Starting school or kura for the first time or beginning a new school is a new and exciting stage for all the family. These checklists cover some of the important things to help the first days run smoothly. They are also useful for settling your child in at the start of each new school year.
In your child’s school bag
- lunch and a water bottle. Get your child to help you pack their lunchbox. Talk about what is for morning tea and what is for lunch
- pencils, exercise books, and other supplies the school has asked your child to bring. Some schools and kura provide a list before school starts, others will give you a list in the first week
- in the spring and summer terms a sun hat and sunblock (it's a good idea to apply sunblock at home before they leave as well)
- in the autumn and winter terms a warm hat and some extra layers in case it gets really cold
- their name on everything particularly hats, shoes and sweatshirts. Show your child where to look for their name on their clothes.
- a change of clothes.

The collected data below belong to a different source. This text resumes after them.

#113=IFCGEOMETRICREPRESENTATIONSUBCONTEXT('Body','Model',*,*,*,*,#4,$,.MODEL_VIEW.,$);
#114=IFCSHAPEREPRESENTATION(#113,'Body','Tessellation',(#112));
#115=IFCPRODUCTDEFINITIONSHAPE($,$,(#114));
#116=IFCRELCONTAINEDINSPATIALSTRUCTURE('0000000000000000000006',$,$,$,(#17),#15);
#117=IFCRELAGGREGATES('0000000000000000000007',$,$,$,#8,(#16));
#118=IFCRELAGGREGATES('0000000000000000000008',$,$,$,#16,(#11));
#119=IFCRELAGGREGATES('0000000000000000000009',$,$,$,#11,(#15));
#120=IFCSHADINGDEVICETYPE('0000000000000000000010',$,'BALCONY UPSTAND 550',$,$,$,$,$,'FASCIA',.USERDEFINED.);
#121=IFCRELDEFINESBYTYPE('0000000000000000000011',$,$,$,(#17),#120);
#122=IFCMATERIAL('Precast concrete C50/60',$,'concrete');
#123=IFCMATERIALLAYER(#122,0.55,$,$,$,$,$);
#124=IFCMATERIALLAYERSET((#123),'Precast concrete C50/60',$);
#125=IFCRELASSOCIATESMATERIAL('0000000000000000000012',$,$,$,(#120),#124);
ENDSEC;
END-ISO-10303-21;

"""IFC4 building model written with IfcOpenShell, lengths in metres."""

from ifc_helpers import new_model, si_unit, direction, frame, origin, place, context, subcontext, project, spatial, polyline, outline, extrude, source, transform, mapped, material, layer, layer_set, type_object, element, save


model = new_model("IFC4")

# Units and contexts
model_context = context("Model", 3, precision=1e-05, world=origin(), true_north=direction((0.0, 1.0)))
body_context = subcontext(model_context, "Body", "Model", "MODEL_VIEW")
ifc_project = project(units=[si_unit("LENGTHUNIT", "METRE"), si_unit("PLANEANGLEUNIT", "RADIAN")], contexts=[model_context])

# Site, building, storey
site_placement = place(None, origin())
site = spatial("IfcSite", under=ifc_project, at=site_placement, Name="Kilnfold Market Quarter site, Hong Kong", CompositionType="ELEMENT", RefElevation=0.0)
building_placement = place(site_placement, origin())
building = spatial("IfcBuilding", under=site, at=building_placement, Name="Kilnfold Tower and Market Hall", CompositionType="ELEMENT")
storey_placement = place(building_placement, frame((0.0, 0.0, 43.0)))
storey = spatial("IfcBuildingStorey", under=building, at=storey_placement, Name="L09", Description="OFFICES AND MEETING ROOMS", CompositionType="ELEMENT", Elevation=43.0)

This can be reassuring for a child starting school or kura for the first time, especially if they prone to toileting accidents
In the morning before you leave
- get up early so that you have plenty of time to get ready and your child doesn't feel rushed and stressed
- have a nutritious breakfast
- if there is no school uniform, choose clothes and shoes that are easy for your child to manage by themselves
- allow plenty of time for getting to school or kura. On the way chat about what they think their day will be like and what they want to do when they get home.
When you get to school
- go into the classroom and say hello or kia ora to the teacher with your child
- tell the teacher about after school arrangements if you won't be the person picking your child up - although it can help them settle in quicker if you can pick them up for the first few times
- show or remind your child where the toilets are and any other place it is important to know about, such as where they will be collected at the end of the day
- it helps children to feel they belong if they know other children. Make a point of stopping to chat with children and parents and/or carers you know as you arrive
- make goodbyes short. Teachers have a lot of experience helping children to settle in and managing an upset child.
- if you pick up your child ask the teacher how their day went
- expect your child to be very tired in the first few weeks. Make time when you get home to just hang out. They might need to run around outside, chill out on a bean bag with some picture books, or just collapse in front of the TV
- don't schedule in lots of afternoon activities to begin with - let them just get used to their new routines first
- offer them a nutritious afternoon tea. They will probably be very hungry!
- Let them adjust to being at home before asking too much about their day. It's a lot easier to get children of any age to talk about their day when they are doing something else with you – helping to make dinner, tidying up, or drying the dishes
- have a space where school papers goes – this is the beginning of you being inundated with newsletters, permission slips, parent help requests etc. It's useful to make the space close to a calendar so you can write in important dates
- make a time to read together. Some schools will send home a reading book to share on the first day – others may not. But get in the habit of having some shared reading every day, right from the start.